Once you have made a list of the soft and hard skills required to perform the job you are looking for, look again at each position you have held and identify where and how you used these valuable skills to benefit previous employers.
Find the drama
For some professionals, such as those involved in sales or finance, it can be relatively easy to position yourself as “successful” versus “doing” in recruiting executives. Instead of listing responsibilities, these professionals should focus on sharing the results they have achieved for each employer while performing their responsibilities. Click the following link for more information on how to position yourself as “successful” versus “doing” in your resume.

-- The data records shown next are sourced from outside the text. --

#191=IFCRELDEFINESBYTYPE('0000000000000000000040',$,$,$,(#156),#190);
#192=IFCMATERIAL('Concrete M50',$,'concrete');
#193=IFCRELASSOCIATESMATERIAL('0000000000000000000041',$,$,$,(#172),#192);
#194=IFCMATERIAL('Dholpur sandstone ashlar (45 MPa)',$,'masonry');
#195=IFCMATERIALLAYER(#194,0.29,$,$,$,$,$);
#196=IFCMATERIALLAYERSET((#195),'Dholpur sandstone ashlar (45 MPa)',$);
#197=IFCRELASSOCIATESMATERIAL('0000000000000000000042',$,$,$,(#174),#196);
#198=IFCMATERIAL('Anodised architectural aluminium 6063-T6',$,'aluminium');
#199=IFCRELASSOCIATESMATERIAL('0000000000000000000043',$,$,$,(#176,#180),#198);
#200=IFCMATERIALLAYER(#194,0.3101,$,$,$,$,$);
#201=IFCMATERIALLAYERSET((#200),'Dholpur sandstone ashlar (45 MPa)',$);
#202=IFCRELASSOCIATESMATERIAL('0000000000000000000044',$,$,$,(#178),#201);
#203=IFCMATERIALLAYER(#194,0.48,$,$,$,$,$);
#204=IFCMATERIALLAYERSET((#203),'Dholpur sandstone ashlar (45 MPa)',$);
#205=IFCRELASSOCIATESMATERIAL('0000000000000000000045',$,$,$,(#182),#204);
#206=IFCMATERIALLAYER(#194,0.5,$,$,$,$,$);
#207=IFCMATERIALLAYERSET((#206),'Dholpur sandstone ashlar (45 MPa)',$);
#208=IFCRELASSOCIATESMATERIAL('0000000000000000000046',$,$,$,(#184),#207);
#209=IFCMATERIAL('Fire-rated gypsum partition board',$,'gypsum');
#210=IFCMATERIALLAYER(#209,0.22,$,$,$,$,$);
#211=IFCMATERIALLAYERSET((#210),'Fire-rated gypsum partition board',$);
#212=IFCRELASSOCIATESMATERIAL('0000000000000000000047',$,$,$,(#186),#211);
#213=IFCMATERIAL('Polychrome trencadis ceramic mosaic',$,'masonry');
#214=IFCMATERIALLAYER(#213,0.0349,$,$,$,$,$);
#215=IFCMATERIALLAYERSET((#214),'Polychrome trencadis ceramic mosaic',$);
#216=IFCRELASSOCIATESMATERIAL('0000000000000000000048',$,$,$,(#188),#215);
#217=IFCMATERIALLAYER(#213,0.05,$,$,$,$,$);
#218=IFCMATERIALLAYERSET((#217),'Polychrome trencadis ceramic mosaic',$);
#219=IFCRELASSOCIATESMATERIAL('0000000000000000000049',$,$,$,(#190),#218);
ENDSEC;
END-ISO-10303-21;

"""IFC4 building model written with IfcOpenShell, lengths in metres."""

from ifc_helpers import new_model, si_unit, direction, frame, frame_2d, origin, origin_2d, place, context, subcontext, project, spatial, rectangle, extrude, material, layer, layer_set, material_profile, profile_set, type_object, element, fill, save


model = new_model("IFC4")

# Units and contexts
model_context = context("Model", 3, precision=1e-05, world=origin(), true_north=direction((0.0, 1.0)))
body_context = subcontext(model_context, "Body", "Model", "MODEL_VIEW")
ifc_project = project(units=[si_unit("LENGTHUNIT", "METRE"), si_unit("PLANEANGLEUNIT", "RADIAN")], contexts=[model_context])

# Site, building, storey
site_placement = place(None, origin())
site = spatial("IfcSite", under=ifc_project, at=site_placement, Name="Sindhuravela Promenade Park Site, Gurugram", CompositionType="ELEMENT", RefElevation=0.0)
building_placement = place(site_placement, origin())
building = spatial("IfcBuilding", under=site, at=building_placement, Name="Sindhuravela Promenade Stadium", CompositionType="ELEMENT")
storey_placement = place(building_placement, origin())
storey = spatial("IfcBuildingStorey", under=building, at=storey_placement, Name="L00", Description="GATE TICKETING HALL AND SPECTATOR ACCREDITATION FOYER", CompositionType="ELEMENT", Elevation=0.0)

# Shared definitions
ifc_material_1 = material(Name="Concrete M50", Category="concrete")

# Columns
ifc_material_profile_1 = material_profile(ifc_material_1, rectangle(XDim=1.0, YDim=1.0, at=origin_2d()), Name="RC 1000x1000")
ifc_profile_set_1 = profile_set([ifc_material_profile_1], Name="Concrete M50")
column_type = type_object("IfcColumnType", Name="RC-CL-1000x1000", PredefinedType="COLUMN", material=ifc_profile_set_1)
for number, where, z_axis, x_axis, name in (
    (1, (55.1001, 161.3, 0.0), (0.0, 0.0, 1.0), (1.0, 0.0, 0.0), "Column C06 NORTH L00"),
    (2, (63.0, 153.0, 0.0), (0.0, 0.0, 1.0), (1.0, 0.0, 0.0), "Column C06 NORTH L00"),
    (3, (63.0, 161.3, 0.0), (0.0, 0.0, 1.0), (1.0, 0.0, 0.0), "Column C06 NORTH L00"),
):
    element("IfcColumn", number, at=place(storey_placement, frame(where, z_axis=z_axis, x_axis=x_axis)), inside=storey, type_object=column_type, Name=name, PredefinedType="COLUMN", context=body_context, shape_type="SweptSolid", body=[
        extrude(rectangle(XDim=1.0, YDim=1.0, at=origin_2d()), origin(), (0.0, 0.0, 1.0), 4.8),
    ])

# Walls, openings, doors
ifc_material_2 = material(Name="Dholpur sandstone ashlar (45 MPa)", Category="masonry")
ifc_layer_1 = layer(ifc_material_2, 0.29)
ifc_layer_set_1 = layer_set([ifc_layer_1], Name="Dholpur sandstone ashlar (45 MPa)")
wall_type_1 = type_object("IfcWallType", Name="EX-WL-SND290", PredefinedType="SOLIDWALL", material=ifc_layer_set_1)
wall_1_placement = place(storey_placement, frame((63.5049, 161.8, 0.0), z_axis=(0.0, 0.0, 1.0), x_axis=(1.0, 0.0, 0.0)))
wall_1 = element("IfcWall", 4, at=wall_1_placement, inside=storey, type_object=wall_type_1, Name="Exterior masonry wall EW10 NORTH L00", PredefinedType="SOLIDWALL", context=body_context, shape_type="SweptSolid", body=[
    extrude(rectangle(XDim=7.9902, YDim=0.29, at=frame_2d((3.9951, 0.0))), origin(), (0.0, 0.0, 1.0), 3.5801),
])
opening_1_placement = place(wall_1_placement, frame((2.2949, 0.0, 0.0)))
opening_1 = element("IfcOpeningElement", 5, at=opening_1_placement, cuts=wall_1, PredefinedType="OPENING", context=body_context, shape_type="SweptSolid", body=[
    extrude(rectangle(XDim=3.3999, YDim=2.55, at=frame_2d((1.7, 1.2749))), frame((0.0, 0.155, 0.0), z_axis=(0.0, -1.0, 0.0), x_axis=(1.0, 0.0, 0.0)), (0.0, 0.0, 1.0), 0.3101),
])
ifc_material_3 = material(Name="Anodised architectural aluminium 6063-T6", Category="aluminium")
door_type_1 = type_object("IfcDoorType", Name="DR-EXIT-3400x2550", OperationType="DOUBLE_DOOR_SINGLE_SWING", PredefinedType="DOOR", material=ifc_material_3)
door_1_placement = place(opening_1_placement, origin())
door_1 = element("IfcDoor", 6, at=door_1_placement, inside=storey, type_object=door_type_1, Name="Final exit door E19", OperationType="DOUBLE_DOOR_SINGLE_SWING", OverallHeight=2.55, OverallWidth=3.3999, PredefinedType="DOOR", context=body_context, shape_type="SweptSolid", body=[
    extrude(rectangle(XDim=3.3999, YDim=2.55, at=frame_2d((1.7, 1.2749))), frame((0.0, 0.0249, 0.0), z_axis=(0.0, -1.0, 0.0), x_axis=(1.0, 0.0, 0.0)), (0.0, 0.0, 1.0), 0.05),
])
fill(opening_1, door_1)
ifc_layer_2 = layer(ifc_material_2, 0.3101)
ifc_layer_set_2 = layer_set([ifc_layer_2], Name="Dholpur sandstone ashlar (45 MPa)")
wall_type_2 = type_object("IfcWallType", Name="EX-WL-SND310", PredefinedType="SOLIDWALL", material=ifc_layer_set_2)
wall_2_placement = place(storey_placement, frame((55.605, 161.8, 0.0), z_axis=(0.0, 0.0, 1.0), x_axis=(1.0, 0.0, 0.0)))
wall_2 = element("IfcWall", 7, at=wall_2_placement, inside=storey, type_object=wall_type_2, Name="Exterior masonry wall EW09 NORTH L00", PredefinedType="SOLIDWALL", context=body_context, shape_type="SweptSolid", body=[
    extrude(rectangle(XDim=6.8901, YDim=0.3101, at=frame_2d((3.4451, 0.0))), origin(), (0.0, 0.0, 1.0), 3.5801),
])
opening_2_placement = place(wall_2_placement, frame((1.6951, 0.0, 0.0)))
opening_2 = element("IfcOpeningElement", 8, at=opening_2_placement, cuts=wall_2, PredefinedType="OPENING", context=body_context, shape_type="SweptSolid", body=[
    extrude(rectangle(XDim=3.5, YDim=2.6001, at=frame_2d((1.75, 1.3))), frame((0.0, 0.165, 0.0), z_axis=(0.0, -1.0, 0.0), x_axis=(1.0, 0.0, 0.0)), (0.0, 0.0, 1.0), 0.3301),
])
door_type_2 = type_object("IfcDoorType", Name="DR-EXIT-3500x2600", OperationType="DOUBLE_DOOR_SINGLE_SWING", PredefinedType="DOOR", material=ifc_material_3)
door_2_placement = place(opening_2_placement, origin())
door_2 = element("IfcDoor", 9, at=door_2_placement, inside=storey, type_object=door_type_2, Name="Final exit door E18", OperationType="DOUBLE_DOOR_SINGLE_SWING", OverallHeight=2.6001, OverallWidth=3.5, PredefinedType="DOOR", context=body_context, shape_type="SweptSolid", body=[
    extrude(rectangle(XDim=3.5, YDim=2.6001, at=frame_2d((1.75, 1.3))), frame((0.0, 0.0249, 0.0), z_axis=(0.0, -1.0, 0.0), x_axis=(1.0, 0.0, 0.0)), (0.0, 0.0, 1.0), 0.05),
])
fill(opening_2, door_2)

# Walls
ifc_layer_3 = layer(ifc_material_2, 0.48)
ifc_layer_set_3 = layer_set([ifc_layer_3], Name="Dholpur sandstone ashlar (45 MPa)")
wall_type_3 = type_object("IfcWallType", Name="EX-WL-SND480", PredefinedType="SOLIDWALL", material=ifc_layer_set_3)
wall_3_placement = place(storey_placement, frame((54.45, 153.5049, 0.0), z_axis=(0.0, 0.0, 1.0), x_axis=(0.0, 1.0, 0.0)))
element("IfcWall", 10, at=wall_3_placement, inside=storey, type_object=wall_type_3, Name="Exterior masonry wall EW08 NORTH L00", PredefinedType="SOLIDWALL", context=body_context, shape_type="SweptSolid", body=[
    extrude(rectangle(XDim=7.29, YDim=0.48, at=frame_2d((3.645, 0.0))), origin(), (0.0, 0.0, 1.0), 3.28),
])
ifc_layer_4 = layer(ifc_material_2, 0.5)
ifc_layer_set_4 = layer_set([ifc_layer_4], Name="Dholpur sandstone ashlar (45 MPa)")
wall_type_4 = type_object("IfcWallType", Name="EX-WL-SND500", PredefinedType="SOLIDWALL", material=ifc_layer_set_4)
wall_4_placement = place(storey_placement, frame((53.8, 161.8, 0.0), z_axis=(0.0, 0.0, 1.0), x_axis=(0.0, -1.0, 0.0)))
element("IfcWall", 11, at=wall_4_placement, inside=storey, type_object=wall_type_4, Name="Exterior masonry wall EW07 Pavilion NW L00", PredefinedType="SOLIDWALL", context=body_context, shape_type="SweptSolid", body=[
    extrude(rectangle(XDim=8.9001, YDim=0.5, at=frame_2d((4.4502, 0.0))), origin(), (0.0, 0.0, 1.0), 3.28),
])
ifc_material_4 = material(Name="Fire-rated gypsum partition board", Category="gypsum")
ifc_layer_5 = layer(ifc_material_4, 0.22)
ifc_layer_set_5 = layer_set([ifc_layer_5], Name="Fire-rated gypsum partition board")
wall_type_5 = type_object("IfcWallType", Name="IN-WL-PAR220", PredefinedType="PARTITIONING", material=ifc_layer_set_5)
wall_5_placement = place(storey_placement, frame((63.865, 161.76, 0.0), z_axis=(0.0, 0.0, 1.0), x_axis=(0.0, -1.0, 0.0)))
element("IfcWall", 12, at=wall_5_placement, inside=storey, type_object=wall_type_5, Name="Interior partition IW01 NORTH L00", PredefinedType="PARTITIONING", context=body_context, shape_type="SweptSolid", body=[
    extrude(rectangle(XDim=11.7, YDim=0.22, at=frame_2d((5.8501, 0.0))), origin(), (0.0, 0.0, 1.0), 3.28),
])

If you are working at a beginner level or if much of your experience is temporary work, you will need to be creative if you want to describe your seemingly boring temporary work in a way that will make it interesting to recruit executives. In an article written by my friend, Danny Robin, on how to make any job look extraordinary, he advises job seekers to ask themselves the following questions:
According to Robin, every job has moments of stress or high emotion. Use these opportunities to demonstrate how You have the skills required to perform the job you are looking for. Your goal is to provide proof of your skills and describe them in a way that recruiting managers will find them interesting.
Consider which of these sentences sounds better to you:
Schedule management for 10 OB / GYN physicians working from two locations, and often reschedule appointments on instant notice.
Scheduling appointments for patients on time.
Recruiters think so too.
You quantified your temporary experience
Any job on your resume will look more impressive when you can add numbers. If you are unable to talk about how your work has led to more revenue, less costs or an increase in customer satisfaction, use numbers to give recruiting managers a better sense of the work you have done and the environment in which you have worked. It can include, but is not limited to:
Calls you answered or made on a given day.
People you have supported, checked in or sent questions to.
Emails you sat on.
Products or product categories that have helped replenish inventory on the shelves.
You taped the idea. Make a list of your work responsibilities. Next, look for places where you can add numbers to provide a clearer picture of the work you have done.
Find out if your resume positions you as a “doer” or “achiever” with our free resume review.